NaNs with customised weighted F1-Score in Keras

I need to compute a weighted F1-score in such a way to penalize more errors over my least popular label (typical binary classification problem with an unbalanced dataset). Unfortunately, I don't get a valid F1-score. The followings are my metrics functions:

def sensitivity(y_true, y_pred):
    true_positives = K.sum(K.round(K.clip(y_true * y_pred, 0, 1)))
    possible_positives = K.sum(K.round(K.clip(y_true, 0, 1)))
    return true_positives / (possible_positives + K.epsilon())

def specificity(y_true, y_pred):
    true_negatives = K.sum(K.round(K.clip((1-y_true) * (1-y_pred), 0, 1)))
    possible_negatives = K.sum(K.round(K.clip(1-y_true, 0, 1)))
    return true_negatives / (possible_negatives + K.epsilon())

def f1(y_true, y_pred):
    def recall(y_true, y_pred):
        true_positives = K.sum(K.round(K.clip(y_true * y_pred, 0, 1)))
        possible_positives = K.sum(K.round(K.clip(y_true, 0, 1)))
        recall = true_positives / (possible_positives + K.epsilon())
        return recall

    def precision(y_true, y_pred):
        true_positives = K.sum(K.round(K.clip(y_true * y_pred, 0, 1)))
        predicted_positives = K.sum(K.round(K.clip(y_pred, 0, 1)))
        precision = true_positives / (predicted_positives + K.epsilon())
        return precision
    precision = precision(y_true, y_pred)
    recall = recall(y_true, y_pred)
    return 2*((precision*recall)/(precision+recall)) 

model.compile(loss='binary_crossentropy',
              optimizer=RMSprop(0.001),
              metrics=[sensitivity, specificity, 'accuracy', f1])
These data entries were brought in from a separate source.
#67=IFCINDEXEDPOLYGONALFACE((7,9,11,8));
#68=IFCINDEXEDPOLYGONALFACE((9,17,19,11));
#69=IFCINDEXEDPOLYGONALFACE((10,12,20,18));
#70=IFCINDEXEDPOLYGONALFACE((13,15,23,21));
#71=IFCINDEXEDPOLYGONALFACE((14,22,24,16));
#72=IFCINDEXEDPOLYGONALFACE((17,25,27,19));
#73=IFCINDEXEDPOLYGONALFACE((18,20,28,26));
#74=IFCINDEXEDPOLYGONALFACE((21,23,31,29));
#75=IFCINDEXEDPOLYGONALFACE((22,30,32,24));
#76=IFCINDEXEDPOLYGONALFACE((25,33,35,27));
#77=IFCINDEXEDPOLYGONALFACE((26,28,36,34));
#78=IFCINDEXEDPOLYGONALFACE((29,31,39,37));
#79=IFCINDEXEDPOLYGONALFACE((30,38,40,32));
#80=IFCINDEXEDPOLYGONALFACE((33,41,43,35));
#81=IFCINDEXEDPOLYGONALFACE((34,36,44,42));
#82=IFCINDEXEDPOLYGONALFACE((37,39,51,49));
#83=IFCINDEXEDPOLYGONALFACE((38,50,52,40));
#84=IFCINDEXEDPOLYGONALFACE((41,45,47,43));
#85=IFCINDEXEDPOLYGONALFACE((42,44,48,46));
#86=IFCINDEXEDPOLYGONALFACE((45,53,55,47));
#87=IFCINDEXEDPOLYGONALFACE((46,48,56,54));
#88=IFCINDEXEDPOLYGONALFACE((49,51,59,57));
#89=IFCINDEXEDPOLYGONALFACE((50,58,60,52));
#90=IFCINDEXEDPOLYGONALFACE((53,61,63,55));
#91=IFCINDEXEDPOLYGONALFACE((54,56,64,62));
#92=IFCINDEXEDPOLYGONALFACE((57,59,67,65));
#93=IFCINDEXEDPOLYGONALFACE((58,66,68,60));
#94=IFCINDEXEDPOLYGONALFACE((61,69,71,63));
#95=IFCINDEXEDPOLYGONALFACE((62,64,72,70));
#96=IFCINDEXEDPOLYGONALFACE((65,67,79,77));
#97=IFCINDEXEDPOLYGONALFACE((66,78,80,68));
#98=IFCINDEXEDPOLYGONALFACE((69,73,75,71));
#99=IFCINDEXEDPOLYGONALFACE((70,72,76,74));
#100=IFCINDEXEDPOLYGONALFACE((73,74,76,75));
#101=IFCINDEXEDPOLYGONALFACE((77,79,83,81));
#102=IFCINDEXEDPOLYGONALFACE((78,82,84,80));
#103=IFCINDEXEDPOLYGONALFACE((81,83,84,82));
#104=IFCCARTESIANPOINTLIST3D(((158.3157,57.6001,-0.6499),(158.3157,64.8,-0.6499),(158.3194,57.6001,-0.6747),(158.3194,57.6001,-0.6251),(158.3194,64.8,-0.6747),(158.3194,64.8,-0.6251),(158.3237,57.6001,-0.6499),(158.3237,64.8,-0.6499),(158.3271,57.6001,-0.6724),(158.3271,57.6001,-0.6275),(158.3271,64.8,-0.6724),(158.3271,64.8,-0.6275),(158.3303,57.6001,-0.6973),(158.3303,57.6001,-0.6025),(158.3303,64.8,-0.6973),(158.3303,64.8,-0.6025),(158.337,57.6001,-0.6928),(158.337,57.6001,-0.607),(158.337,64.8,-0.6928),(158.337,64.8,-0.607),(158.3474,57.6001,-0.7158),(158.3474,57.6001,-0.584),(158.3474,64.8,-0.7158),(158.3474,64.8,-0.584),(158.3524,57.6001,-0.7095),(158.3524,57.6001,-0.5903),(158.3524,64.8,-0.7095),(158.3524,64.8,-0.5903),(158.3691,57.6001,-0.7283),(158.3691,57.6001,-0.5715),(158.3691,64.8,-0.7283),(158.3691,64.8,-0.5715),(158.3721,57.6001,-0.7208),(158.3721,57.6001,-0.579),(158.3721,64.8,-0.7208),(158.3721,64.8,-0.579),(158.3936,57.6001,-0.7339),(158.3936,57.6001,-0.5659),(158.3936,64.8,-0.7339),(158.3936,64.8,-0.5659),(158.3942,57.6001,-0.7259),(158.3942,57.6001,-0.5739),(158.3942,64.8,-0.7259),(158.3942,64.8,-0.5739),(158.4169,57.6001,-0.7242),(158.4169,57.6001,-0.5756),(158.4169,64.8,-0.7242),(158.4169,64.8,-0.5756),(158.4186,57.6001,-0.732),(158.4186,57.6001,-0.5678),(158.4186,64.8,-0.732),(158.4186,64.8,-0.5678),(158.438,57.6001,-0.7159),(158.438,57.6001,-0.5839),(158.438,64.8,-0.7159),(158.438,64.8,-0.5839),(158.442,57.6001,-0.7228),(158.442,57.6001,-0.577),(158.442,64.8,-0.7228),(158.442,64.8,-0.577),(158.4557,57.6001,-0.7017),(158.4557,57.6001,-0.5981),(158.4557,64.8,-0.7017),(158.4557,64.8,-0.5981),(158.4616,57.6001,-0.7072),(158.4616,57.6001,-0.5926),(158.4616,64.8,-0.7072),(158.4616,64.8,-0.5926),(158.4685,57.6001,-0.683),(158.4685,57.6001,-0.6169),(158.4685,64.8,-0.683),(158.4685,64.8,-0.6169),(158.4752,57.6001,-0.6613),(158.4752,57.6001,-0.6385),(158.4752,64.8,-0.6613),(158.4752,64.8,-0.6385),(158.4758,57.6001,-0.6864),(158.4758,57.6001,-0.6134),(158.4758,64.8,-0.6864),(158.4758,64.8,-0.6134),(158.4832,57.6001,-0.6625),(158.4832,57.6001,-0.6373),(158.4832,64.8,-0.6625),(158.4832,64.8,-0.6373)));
and here I train the model and do evaluation:

model.fit(x_train, y_train, epochs=12, batch_size=32, verbose=1, class_weight=class_weights_dict, validation_split=0.3)
classes = model.predict(x_test)
loss_and_metrics = model.evaluate(x_test, y_test, batch_size=128, verbose=1)
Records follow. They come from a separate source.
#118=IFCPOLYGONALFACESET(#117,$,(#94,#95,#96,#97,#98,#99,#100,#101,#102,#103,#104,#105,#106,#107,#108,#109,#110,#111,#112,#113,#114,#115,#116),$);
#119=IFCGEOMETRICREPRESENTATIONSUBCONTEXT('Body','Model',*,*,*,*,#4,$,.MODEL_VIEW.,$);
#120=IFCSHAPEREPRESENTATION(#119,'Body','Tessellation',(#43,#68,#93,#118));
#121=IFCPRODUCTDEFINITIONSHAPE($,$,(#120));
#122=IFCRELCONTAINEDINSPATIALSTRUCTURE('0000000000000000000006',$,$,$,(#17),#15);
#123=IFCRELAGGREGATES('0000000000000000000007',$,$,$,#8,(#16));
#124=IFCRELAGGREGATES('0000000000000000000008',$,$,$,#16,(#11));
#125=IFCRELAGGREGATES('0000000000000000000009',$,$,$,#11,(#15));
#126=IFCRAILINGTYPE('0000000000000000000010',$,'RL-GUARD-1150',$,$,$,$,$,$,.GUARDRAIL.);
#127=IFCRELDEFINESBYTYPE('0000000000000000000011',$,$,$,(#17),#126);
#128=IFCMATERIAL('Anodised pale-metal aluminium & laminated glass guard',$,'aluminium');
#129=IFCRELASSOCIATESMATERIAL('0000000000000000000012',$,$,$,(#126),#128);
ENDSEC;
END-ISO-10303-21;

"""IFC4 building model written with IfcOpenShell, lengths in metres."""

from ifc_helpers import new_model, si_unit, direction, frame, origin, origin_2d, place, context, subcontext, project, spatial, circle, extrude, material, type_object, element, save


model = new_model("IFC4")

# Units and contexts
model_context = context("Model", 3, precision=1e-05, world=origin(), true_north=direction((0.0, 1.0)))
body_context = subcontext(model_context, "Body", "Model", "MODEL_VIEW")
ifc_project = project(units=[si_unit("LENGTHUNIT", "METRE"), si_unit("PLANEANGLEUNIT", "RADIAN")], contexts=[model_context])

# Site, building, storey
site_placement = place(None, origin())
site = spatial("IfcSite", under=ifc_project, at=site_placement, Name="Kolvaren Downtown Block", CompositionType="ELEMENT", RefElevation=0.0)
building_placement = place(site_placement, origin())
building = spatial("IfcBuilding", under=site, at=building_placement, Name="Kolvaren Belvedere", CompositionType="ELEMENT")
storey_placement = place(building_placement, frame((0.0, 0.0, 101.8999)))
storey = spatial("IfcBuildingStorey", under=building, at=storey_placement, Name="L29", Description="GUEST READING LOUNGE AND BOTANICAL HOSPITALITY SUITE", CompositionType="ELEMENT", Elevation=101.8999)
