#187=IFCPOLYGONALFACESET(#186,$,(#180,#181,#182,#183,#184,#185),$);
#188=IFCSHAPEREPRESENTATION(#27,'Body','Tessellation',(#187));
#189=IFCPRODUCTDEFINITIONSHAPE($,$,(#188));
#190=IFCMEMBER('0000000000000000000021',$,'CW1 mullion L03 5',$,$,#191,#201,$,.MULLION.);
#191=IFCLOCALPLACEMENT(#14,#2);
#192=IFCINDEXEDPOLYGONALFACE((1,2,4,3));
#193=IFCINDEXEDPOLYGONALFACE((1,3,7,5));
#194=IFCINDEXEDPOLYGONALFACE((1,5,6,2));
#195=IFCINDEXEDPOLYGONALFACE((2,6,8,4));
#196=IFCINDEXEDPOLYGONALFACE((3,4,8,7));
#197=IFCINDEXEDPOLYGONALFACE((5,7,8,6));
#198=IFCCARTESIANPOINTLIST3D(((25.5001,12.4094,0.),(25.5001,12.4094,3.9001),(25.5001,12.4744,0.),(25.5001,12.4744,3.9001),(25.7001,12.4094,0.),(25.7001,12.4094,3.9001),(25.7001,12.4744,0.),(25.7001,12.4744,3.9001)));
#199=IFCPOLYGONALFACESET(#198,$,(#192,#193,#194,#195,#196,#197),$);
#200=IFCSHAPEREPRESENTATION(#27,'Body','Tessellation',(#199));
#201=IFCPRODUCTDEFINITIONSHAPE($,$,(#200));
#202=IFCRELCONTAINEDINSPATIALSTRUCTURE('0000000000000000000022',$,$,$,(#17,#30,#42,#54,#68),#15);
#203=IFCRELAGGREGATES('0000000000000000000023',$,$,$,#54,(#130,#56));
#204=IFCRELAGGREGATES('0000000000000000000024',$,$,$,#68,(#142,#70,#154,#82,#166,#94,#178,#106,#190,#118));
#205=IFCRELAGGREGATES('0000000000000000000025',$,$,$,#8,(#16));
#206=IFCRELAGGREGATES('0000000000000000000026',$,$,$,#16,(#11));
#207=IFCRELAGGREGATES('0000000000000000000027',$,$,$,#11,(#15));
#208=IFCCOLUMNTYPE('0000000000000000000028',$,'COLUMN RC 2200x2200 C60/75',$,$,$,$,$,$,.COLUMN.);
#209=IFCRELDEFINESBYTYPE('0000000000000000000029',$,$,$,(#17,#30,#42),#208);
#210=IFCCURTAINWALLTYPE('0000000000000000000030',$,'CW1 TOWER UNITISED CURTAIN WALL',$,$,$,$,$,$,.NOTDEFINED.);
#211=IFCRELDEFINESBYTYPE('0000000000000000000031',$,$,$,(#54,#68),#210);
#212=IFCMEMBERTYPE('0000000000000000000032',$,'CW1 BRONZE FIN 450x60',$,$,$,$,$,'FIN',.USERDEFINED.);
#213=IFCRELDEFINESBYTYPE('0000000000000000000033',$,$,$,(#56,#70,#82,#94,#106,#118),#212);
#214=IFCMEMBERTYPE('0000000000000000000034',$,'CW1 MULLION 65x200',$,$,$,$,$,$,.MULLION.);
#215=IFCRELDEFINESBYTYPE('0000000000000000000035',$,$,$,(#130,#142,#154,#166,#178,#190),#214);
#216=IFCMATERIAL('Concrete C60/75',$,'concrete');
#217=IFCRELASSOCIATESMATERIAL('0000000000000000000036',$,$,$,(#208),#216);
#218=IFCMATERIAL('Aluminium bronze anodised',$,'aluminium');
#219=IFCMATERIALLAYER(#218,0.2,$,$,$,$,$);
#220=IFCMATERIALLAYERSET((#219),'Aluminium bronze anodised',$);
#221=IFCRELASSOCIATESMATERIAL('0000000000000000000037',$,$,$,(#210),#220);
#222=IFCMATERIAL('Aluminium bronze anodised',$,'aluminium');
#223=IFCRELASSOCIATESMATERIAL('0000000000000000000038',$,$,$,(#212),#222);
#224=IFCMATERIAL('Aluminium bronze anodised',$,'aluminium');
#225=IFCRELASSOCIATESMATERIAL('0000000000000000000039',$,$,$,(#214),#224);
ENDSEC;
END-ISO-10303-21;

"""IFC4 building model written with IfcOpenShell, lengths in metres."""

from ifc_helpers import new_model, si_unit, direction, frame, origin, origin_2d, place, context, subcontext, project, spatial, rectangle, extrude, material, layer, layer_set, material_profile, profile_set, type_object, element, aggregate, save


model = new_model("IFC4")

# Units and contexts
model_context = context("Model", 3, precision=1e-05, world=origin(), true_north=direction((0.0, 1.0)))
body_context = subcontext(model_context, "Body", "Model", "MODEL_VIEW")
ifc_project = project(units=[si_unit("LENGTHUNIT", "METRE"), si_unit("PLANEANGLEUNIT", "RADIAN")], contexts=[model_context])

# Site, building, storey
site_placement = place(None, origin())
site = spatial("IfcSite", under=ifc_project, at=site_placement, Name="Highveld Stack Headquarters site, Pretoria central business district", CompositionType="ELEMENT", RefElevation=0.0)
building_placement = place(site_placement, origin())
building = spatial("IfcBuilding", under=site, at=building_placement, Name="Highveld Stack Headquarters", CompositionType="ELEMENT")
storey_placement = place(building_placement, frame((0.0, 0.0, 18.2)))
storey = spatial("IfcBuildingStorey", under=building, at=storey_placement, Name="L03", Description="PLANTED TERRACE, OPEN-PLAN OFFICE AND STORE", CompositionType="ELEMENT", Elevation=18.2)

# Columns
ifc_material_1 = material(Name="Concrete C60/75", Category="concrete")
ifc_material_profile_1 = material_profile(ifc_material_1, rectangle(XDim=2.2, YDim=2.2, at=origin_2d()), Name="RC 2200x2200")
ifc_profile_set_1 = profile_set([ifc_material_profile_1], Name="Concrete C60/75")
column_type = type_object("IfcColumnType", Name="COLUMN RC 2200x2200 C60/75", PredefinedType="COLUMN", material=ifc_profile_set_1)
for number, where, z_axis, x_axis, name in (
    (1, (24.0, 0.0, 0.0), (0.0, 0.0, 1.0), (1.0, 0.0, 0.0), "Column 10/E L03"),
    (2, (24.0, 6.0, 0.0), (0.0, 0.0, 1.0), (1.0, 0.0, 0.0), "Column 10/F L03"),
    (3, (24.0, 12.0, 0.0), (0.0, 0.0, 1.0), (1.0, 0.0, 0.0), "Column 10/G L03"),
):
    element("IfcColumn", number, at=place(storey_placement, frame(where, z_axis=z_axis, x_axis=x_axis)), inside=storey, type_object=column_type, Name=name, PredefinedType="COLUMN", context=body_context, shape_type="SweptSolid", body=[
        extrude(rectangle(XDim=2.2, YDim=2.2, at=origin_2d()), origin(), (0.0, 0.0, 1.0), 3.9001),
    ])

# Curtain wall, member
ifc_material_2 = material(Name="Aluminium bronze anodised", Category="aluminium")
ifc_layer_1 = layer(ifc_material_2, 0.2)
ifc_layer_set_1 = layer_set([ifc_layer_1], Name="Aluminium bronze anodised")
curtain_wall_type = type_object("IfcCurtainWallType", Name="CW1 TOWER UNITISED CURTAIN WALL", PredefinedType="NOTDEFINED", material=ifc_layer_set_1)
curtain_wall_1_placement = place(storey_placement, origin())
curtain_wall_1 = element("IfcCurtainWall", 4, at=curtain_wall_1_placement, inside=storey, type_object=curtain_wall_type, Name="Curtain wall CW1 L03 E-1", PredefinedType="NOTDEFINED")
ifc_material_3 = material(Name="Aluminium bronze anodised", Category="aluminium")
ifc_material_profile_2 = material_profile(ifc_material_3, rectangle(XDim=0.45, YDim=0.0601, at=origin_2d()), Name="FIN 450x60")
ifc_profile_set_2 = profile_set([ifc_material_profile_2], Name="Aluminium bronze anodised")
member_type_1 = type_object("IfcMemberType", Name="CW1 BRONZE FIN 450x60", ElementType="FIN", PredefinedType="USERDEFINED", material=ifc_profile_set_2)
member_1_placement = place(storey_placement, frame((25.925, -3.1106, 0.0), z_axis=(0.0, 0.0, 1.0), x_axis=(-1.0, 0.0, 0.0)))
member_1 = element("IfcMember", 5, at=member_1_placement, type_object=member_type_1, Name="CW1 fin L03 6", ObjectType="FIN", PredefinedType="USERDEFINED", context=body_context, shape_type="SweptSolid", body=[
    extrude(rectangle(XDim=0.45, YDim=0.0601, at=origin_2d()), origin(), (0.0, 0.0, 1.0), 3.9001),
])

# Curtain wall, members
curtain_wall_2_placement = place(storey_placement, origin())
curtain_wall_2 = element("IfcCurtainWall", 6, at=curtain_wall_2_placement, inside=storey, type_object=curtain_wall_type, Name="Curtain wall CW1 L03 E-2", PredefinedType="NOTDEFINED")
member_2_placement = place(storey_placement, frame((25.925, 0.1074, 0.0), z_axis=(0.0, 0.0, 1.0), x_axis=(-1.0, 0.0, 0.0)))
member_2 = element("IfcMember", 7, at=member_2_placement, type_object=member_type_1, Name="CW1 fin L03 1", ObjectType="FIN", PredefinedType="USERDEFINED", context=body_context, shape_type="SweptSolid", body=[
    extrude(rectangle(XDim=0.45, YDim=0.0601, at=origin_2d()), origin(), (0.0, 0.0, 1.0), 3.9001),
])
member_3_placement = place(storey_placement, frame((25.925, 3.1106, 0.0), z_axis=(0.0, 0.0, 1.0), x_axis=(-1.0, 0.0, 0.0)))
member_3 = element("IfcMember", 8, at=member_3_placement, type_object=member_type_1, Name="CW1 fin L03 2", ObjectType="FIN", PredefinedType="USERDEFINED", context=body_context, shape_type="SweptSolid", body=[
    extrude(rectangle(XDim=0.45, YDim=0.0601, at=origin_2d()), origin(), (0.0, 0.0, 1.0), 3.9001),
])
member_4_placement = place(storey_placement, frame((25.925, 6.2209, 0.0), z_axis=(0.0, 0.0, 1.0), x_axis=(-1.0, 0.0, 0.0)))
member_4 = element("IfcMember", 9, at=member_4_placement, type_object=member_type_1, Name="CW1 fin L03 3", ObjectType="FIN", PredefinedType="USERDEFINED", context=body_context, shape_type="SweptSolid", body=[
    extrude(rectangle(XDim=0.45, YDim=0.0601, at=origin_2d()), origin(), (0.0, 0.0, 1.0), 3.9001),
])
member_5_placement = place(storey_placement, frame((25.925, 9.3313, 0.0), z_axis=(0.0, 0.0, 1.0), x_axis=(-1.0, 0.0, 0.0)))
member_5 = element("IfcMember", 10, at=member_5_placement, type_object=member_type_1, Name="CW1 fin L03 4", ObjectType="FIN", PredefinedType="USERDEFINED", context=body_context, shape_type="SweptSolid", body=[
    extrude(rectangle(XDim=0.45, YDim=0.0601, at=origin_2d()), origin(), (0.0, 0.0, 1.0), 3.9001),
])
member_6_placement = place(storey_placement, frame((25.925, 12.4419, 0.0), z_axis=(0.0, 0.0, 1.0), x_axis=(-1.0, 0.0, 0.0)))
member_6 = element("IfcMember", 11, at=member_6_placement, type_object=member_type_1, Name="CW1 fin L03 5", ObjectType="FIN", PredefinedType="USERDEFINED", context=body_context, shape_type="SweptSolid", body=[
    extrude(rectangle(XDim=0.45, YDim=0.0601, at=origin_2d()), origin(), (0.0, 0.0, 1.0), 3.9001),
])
I always get nan as f1score - is something wrong conceptually or programmatically? Because data are the same I used with another classifier of the scikit-learn library (SVM) and it succeeded.

These are results:

Epoch 1/12
5133/5133 [==============================] - 5s 976us/step - loss: 0.6955 - sensitivity: 0.0561 - specificity: 0.9377 - acc: 0.8712 - f1: nan - val_loss: 0.6884 - val_sensitivity: 0.8836 - val_specificity: 0.0000e+00 - val_acc: 0.0723 - val_f1: nan
Epoch 2/12
5133/5133 [==============================] - 5s 894us/step - loss: 0.6954 - sensitivity: 0.3865 - specificity: 0.5548 - acc: 0.5398 - f1: nan - val_loss: 0.6884 - val_sensitivity: 0.0000e+00 - val_specificity: 1.0000 - val_acc: 0.9277 - val_f1: nan
Epoch 3/12
5133/5133 [==============================] - 5s 925us/step - loss: 0.6953 - sensitivity: 0.3928 - specificity: 0.5823 - acc: 0.5696 - f1: nan - val_loss: 0.6884 - val_sensitivity: 0.0000e+00 - val_specificity: 1.0000 - val_acc: 0.9277 - val_f1: nan
Epoch 4/12
5133/5133 [==============================] - 5s 935us/step - loss: 0.6954 - sensitivity: 0.1309 - specificity: 0.8504 - acc: 0.7976 - f1: nan - val_loss: 0.6884 - val_sensitivity: 0.0000e+00 - val_specificity: 1.0000 - val_acc: 0.9277 - val_f1: nan
etc.

Final result:

[0.6859536773606656, 0.0, 1.0, 0.9321705426356589, nan]

Solution

Regarding the nan in your f1 metric:

If you look at the log, your validation sensitivity is 0. Which means your precision and recall are both zero as well. So in the f1 calculation you are dividing by zero and getting a nan.

Add K.epsilon(), as you have done in the other functions.

On a side note, judging by your loss, which had a negligible improvement on the train set, your network had learnt nothing. I'd advice you to start by increasing the number of epochs, make the network deeper and don't pass anything to the class_weight argument (you mention not using weighted computation yet, but your code does set some class weight).